Wędzona ryba znad morza. Jak długo możemy ją przechowywać i w czym, żeby nie doszło do zatrucia

wędzone ryby
hsvrs/Getty Images
Źródło: iStockphoto
Wędzona ryba świetnie sprzedaje się nad morzem w sezonie wakacyjnym. Wiele osób kupuje ją sobie na zapas, w formie kulinarnej pamiątki. Dowiedz się, w jaki sposób i jak długo należy ją przechowywać, aby zachowała swój smak jak najdłużej.
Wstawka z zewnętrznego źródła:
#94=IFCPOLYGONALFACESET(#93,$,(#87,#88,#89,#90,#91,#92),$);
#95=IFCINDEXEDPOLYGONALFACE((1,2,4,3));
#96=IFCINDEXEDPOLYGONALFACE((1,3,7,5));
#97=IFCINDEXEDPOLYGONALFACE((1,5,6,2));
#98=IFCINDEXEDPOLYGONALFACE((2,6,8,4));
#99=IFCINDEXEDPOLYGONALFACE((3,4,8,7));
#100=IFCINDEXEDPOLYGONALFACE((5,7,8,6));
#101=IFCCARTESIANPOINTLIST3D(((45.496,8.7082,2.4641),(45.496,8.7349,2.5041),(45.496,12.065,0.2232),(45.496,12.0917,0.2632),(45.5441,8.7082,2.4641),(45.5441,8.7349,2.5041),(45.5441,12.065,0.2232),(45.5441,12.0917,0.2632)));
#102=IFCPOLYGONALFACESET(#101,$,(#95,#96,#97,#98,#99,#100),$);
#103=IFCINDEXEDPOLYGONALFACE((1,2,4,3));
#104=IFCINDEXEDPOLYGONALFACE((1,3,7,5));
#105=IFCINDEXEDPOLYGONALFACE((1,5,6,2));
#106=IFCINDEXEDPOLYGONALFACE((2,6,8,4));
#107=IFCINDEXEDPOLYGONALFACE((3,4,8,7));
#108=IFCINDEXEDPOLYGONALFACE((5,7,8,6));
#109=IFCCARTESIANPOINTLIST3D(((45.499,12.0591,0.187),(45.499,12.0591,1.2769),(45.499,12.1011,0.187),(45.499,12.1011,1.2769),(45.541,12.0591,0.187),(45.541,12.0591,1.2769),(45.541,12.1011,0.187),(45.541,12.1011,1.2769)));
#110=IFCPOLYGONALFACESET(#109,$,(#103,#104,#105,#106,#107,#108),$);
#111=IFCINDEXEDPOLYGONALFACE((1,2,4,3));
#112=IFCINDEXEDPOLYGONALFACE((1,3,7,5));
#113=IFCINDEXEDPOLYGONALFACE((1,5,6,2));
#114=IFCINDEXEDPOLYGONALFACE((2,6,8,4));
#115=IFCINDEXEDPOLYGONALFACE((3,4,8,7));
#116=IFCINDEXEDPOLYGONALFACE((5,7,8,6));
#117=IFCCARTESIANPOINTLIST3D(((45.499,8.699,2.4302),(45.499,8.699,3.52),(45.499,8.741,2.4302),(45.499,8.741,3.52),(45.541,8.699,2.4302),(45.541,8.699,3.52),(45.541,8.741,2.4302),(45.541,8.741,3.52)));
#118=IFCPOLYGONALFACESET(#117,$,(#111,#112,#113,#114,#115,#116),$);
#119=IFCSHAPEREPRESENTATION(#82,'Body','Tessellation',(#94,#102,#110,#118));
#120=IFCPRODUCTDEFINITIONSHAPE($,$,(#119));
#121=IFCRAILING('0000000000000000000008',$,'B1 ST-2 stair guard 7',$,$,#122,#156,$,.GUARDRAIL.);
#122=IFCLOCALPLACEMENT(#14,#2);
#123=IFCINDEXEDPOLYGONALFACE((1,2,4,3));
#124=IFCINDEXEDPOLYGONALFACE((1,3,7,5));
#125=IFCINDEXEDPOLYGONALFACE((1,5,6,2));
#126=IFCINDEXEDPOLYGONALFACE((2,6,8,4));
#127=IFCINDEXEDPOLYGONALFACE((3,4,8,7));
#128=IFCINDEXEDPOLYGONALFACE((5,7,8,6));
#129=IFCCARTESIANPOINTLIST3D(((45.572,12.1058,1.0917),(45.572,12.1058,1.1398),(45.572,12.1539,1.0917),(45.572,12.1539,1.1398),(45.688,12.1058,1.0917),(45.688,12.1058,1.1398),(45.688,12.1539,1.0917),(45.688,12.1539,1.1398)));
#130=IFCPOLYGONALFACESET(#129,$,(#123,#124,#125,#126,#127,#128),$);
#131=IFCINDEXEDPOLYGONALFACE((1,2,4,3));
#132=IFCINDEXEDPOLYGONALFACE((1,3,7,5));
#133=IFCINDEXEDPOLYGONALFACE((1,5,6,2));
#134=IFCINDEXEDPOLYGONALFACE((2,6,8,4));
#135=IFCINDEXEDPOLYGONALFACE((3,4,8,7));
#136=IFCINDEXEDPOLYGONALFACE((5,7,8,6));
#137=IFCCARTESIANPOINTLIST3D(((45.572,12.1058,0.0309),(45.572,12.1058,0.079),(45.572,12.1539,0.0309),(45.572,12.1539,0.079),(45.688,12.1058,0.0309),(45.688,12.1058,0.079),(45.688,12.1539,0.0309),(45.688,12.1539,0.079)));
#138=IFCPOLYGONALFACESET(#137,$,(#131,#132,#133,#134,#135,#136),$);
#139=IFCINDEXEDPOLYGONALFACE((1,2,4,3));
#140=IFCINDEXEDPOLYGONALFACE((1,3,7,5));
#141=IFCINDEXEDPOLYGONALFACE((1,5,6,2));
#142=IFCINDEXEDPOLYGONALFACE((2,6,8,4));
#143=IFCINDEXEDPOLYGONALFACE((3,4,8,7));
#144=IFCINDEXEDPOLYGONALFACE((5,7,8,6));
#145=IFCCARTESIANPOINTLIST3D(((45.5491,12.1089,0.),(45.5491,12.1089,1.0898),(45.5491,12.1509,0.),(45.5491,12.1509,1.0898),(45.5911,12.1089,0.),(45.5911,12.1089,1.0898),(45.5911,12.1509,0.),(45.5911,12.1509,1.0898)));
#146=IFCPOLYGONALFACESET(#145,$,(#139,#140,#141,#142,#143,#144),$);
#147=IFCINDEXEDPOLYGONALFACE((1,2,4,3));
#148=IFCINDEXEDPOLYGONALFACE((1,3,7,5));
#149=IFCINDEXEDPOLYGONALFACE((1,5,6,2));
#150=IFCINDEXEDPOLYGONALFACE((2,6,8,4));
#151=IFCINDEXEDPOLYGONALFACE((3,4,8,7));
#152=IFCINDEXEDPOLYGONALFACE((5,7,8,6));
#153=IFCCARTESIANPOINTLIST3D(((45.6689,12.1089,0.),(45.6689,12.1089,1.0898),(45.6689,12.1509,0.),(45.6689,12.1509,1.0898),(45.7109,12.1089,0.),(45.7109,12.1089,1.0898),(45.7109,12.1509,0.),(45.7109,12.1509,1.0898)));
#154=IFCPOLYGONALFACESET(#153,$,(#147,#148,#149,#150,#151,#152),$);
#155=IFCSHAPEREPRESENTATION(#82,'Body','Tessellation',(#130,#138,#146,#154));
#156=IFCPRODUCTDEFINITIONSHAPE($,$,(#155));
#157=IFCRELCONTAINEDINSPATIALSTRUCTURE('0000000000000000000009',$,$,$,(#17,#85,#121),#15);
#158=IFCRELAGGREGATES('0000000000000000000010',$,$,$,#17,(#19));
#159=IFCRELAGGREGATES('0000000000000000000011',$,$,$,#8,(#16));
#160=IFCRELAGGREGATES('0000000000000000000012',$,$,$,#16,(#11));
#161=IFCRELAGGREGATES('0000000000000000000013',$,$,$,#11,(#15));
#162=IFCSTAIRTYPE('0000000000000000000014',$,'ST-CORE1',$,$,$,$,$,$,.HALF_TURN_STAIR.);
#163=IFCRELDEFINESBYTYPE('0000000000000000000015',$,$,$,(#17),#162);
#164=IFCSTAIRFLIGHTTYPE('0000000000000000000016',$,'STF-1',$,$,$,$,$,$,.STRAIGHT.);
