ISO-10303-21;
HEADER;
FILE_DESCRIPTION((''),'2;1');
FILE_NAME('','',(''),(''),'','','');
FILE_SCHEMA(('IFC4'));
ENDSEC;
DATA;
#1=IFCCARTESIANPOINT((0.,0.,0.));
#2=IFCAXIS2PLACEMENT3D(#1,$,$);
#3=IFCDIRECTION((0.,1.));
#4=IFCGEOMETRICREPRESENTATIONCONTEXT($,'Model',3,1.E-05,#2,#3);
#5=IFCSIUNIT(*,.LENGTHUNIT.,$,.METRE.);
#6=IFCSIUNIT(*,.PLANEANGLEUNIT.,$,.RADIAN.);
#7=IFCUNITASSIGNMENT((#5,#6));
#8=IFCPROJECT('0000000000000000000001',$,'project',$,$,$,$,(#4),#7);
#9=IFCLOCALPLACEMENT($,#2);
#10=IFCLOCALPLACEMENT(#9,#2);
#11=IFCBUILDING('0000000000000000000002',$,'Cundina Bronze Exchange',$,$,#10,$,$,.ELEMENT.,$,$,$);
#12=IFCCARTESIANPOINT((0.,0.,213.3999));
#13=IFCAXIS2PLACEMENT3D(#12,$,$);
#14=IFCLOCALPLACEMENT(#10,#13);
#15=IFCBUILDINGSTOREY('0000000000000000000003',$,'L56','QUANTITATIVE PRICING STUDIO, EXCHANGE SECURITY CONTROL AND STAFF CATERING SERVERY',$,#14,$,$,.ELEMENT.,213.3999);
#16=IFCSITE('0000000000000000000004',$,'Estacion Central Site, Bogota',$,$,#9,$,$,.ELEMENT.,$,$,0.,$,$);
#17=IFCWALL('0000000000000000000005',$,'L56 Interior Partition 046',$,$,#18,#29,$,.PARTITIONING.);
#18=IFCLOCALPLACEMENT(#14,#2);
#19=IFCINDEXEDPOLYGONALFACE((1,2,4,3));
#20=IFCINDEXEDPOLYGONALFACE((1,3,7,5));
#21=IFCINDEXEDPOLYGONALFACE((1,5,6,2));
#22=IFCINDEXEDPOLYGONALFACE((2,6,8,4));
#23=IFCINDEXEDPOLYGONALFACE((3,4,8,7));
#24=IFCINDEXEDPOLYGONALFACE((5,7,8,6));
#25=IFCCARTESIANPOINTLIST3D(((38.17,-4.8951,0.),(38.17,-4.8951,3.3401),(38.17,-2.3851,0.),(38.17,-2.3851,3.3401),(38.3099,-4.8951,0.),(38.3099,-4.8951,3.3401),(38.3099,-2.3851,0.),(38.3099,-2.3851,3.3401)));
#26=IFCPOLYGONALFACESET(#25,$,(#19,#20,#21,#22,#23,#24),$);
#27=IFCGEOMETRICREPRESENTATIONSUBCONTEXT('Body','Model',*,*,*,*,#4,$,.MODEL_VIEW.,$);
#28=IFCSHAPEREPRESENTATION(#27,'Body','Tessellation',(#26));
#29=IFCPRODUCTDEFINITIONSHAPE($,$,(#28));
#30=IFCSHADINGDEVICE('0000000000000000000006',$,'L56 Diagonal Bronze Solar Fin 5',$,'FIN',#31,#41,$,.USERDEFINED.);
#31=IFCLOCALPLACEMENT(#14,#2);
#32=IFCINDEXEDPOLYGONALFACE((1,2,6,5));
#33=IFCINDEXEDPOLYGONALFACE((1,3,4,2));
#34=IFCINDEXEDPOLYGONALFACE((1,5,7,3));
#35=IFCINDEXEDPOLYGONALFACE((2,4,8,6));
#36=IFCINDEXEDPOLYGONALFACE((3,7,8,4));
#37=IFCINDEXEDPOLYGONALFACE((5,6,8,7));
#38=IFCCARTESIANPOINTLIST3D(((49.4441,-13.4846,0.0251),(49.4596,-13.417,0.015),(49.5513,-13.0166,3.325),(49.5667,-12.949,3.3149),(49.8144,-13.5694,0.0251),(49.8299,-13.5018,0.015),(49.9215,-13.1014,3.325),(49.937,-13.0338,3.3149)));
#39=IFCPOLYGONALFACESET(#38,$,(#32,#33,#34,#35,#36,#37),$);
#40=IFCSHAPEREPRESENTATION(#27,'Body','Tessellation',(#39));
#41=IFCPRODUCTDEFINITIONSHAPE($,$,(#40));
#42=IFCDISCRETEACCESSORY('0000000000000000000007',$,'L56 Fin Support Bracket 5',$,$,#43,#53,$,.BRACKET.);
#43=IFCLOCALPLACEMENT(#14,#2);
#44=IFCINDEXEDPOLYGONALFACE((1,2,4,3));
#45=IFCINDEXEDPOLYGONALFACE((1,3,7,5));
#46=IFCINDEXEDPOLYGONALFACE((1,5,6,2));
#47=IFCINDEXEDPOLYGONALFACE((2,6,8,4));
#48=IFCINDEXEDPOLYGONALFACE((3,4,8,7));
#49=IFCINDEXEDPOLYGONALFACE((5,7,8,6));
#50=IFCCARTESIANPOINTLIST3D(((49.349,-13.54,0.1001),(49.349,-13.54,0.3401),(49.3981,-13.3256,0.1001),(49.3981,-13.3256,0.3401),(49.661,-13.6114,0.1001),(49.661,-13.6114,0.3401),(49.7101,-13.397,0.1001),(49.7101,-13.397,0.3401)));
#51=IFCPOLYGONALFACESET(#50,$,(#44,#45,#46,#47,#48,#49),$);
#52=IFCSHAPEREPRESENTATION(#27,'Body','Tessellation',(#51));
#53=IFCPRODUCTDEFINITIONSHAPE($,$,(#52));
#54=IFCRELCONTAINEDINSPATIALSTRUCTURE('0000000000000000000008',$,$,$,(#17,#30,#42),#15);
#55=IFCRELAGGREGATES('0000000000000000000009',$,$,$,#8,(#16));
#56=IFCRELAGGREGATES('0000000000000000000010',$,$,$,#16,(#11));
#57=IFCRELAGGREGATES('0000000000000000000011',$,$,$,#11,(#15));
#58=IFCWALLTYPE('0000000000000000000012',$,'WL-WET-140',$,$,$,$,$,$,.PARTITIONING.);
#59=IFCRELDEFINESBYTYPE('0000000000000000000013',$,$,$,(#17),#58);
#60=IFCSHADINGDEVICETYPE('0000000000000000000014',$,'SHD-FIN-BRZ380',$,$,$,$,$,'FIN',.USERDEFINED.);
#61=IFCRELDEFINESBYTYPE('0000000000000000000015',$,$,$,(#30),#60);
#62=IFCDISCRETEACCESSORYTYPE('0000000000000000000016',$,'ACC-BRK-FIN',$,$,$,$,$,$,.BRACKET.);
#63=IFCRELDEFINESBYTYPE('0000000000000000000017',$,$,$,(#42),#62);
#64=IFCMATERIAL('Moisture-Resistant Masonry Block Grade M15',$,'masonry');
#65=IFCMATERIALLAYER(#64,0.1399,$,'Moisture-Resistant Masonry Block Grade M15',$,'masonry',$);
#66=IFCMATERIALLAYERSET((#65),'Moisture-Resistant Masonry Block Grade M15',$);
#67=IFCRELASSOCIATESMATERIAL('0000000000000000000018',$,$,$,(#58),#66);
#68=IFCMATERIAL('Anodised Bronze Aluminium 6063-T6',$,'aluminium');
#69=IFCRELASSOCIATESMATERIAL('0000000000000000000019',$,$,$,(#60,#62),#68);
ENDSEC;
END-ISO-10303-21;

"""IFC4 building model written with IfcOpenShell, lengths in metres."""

from ifc_helpers import new_model, si_unit, direction, frame, frame_2d, origin, origin_2d, place, context, subcontext, project, spatial, rectangle, extrude, material, layer, layer_set, material_profile, profile_set, type_object, element, save


model = new_model("IFC4")

# Units and contexts
model_context = context("Model", 3, precision=1e-05, world=origin(), true_north=direction((0.0, 1.0)))
body_context = subcontext(model_context, "Body", "Model", "MODEL_VIEW")
ifc_project = project(units=[si_unit("LENGTHUNIT", "METRE"), si_unit("PLANEANGLEUNIT", "RADIAN")], contexts=[model_context])

# Site, building, storey
site_placement = place(None, origin())
site = spatial("IfcSite", under=ifc_project, at=site_placement, Name="Estacion Central Site, Bogota", CompositionType="ELEMENT", RefElevation=0.0)
building_placement = place(site_placement, origin())
building = spatial("IfcBuilding", under=site, at=building_placement, Name="Cundina Bronze Exchange", CompositionType="ELEMENT")
storey_placement = place(building_placement, frame((0.0, 0.0, 213.3999)))
storey = spatial("IfcBuildingStorey", under=building, at=storey_placement, Name="L56", Description="QUANTITATIVE PRICING STUDIO, EXCHANGE SECURITY CONTROL AND STAFF CATERING SERVERY", CompositionType="ELEMENT", Elevation=213.3999)

# Shared definitions
ifc_material_1 = material(Name="Anodised Bronze Aluminium 6063-T6", Category="aluminium")

# Wall
ifc_material_2 = material(Name="Moisture-Resistant Masonry Block Grade M15", Category="masonry")
ifc_layer_1 = layer(ifc_material_2, 0.1399, Name="Moisture-Resistant Masonry Block Grade M15", Category="masonry")
ifc_layer_set_1 = layer_set([ifc_layer_1], Name="Moisture-Resistant Masonry Block Grade M15")
wall_type_1 = type_object("IfcWallType", Name="WL-WET-140", PredefinedType="PARTITIONING", material=ifc_layer_set_1)
wall_1_placement = place(storey_placement, frame((38.24, -4.895, 0.0), z_axis=(0.0, 0.0, 1.0), x_axis=(0.0, 1.0, 0.0)))
element("IfcWall", 1, at=wall_1_placement, inside=storey, type_object=wall_type_1, Name="L56 Interior Partition 046", PredefinedType="PARTITIONING", context=body_context, shape_type="SweptSolid", body=[
    extrude(rectangle(XDim=2.51, YDim=0.1399, at=frame_2d((1.2549, 0.0))), origin(), (0.0, 0.0, 1.0), 3.3401),
])

# Shading device
ifc_material_profile_1 = material_profile(ifc_material_1, rectangle(XDim=0.0701, YDim=0.3799, at=origin_2d()), Name="FIN70X380", Category="aluminium")
ifc_profile_set_1 = profile_set([ifc_material_profile_1], Name="Anodised Bronze Aluminium 6063-T6")
shading_device_type = type_object("IfcShadingDeviceType", Name="SHD-FIN-BRZ380", ElementType="FIN", PredefinedType="USERDEFINED", material=ifc_profile_set_1)
shading_device_placement = place(storey_placement, frame((49.637, -13.4932, 0.02), z_axis=(0.032139, 0.140344, 0.989581), x_axis=(-0.220899, -0.964611, 0.143977)))
element("IfcShadingDevice", 2, at=shading_device_placement, inside=storey, type_object=shading_device_type, Name="L56 Diagonal Bronze Solar Fin 5", ObjectType="FIN", PredefinedType="USERDEFINED", context=body_context, shape_type="SweptSolid", body=[
    extrude(rectangle(XDim=0.0701, YDim=0.3799, at=origin_2d()), origin(), (0.0, 0.0, 1.0), 3.3347),
])

# Discrete accessory
discrete_accessory_type = type_object("IfcDiscreteAccessoryType", Name="ACC-BRK-FIN", PredefinedType="BRACKET", material=ifc_material_1)
discrete_accessory_placement = place(storey_placement, frame((49.5295, -13.4685, 0.1001), z_axis=(0.0, 0.0, 1.0), x_axis=(0.223284, 0.974753, 0.0)))
element("IfcDiscreteAccessory", 3, at=discrete_accessory_placement, inside=storey, type_object=discrete_accessory_type, Name="L56 Fin Support Bracket 5", PredefinedType="BRACKET", context=body_context, shape_type="SweptSolid", body=[
    extrude(rectangle(XDim=0.22, YDim=0.3201, at=origin_2d()), origin(), (0.0, 0.0, 1.0), 0.24),
])

save(model, "model.ifc")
Świeża, wędzona ryba to istny rarytas dla jej miłośników. Aby zakup się nie zmarnował i cieszył smakiem nawet do dwóch tygodni (lub miesięcy!) po powrocie z nadmorskich wakacji, warto poznać i stosować kilka prostych zasad.

Jak długo przechowywać wędzoną rybę?

Na czas przechowywania wędzonej ryby wpływ ma przede wszystkim sposób jej wędzenia. Jeśli zostały uwędzone na zimno, mogą leżeć w lodówce nawet do dwóch tygodni. Bez problemu można je również mrozić - w zamrażalniku wytrzymają nawet dwa miesiące. Ryby wędzone na ciepło nie są już tak długo zdatne do spożycia. Po upływie tygodnia najczęściej trzeba je już wyrzucić.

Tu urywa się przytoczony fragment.